Protocol for purifying His-tagged proteins using Proteus IMAC kits

Under NATIVE conditions

These protocols refer to the purification of active folded proteins. As strength of binding will be determined by length and accessibility of the His-tag the metal ion, buffer composition and pH and elution conditions, some adjustments of the procedure in this handbook is often required.

Ideally, the cell lysate should be made up in phosphate buffer pH 7.4-8.0 in the presence of NaCl (to reduce non-specific adsorption effects).

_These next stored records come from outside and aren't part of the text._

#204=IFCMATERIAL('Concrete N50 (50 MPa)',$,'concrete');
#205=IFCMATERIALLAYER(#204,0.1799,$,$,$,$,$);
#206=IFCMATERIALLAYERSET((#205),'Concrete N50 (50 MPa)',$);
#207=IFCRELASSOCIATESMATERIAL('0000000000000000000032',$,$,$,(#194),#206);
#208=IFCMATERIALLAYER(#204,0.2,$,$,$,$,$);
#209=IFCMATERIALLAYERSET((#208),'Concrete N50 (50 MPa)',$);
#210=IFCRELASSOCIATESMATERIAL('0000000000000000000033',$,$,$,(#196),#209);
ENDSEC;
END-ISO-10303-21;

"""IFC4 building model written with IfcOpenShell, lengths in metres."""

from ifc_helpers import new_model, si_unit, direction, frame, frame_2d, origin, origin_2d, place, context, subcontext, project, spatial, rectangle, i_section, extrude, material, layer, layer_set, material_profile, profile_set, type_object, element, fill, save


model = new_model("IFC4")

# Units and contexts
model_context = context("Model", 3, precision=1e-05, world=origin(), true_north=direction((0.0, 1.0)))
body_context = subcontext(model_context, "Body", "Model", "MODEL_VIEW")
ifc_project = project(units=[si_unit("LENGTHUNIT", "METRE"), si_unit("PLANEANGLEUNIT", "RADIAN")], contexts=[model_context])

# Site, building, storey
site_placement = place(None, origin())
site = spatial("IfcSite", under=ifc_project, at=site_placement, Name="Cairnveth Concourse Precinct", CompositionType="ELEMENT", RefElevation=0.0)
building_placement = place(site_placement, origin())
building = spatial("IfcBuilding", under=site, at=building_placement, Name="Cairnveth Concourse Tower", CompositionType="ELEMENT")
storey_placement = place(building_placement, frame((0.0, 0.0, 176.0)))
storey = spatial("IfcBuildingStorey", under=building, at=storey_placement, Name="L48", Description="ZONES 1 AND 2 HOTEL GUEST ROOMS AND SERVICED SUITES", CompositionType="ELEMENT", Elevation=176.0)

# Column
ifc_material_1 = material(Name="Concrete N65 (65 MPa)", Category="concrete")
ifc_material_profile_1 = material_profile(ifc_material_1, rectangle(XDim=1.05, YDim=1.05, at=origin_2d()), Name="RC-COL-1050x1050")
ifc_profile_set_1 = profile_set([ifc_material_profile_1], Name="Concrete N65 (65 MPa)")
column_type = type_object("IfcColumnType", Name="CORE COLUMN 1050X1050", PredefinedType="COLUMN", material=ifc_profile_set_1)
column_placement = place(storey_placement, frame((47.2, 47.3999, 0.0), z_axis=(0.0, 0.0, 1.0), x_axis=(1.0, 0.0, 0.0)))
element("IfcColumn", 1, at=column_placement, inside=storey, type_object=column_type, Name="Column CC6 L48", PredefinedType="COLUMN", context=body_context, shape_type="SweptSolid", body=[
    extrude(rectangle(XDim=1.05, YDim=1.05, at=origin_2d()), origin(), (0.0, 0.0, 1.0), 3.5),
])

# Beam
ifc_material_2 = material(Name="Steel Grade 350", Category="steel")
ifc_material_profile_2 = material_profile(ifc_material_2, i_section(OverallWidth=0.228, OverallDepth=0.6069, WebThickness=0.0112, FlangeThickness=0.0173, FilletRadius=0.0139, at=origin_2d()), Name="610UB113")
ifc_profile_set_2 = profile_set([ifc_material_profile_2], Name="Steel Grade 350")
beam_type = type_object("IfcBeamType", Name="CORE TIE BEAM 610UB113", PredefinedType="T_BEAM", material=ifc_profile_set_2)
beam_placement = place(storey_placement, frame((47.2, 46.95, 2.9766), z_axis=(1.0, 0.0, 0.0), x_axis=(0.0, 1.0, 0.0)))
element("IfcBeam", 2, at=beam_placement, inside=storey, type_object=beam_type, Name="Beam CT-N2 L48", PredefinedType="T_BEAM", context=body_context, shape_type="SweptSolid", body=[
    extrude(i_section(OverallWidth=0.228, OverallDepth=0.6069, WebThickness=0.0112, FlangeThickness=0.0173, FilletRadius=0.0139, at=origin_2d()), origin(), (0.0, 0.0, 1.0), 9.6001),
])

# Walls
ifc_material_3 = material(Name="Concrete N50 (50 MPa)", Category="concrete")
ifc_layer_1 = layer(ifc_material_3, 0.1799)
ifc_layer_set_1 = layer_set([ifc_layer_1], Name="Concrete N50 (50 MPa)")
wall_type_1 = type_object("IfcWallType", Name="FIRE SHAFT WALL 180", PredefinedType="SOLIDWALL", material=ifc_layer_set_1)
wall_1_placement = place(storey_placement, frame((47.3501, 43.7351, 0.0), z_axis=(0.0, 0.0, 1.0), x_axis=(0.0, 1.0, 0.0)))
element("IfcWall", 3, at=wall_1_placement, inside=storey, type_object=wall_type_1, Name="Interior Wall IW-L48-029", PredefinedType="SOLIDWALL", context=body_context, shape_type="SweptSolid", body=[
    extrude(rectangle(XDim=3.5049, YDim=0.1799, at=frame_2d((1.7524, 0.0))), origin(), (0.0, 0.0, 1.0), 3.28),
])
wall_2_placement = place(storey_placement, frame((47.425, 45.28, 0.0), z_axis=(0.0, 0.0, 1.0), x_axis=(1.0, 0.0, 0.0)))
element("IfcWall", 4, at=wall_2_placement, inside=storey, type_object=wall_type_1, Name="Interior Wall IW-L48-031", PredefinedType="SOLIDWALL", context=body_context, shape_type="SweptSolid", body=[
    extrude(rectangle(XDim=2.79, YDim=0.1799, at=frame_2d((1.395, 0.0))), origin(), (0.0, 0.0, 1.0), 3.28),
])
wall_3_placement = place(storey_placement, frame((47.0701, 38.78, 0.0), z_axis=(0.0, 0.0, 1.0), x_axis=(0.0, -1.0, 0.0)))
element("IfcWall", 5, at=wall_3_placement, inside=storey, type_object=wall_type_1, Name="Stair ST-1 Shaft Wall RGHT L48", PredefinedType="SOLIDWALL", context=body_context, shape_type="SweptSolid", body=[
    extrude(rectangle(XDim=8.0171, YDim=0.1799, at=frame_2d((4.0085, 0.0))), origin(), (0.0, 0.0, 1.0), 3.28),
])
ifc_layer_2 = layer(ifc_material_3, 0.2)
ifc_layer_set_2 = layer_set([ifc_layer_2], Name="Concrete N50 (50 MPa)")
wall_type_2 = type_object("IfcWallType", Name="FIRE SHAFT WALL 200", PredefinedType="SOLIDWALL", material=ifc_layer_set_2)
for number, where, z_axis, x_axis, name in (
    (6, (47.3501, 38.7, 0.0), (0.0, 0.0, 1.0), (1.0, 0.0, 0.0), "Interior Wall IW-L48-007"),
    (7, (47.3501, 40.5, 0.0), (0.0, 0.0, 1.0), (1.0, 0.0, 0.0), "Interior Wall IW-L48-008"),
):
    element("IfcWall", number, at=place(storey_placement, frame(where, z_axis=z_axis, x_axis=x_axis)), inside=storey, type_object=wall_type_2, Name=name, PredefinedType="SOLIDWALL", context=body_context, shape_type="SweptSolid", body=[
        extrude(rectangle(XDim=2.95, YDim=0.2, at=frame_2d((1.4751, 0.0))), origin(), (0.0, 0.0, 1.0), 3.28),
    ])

The following metal chelate buffers are proposed for your IMAC separation. The procedure to prepare these working buffer solutions from stock buffers supplied in the kit is shown in Table 1 (page 23).

Suggested buffers for NATIVE IMAC purifications:

All buffers contain sodium azide as a preservative.

  • Binding buffer: 50 mM sodium phosphate buffer pH 7.4, 300 mM NaCl, 10 mM imidazole.
  • Wash buffer: 50 mM sodium phosphate buffer pH 7.4, 300 mM NaCl, 30 mM imidazole.
  • Elution buffer: 50 mM sodium phosphate buffer pH 7.4, 300 mM NaCl, 300 mM imidazole.

Table 1 showing how to prepare your metal chelate binding, wash and elution buffers.

The two buffers provided in the kit are supplied as concentrated stocks. Always measure the pH of the working buffer solutions when they are prepared and adjust to pH 7.4 whenever necessary.

It is not uncommon for buffers to precipitate or freeze partially in the cold during long term storage or when laboratory temperatures drop at night. The buffers should be warmed up and they can be used once all the precipitate has re-dissolved.

Under DENATURING conditions:

Recombinant proteins often form insoluble inclusion bodies when they are expressed at high levels. These proteins can be solubilized easily in the presence of denaturants such as 6-8 M urea or 6 M guanidine hydrochloride. Additionally, a researcher may be choose to purify their recombinant protein under denaturing conditions if they wish to use the purified denatured protein for raising antibodies. Two buffer configurations can be used under denaturing conditions. One buffer system employs imidazole to competitively elute the target protein under denaturing conditions and the other buffer system uses a more acidic pH to elute the target protein in the absence of imidazole. Choosing either buffer system on page 25 will depend critically upon the nature of your target protein e.g. stability in acid environment.

Suggested buffers for DENATURING purifications:

(1) Imidazole Elution:

  • Binding buffer: 50 mM sodium phosphate buffer pH 7.4, 300 mM NaCl, 10 mM imidazole, 6-8 M Urea.
  • Wash buffer: 50 mM sodium phosphate buffer pH 7.4, 300 mM NaCl, 30 mM imidazole, 6-8 M Urea.
  • Elution buffer: 50 mM sodium phosphate buffer pH 7.4, 300 mM NaCl, 300 mM imidazole, 6-8 M Urea.

(2) Acid Elution:

  • Binding buffer: 50 mM sodium phosphate buffer pH 7.4, 300 mM NaCl, 6-8 M Urea.
  • Wash buffer: 50 mM sodium phosphate buffer pH 6.0, 300 mM NaCl, 6-8 M Urea.
  • Elution buffer: 50 mM sodium phosphate buffer pH 4.0, 300 mM NaCl, 6-8 M Urea.

N.B. Addition of urea will cause the pH to drop. Titrate the buffer with NaOH to bring the pH back to pH 7.4. The pH of those buffers containing urea should be checked and adjusted, if necessary, immediately before use.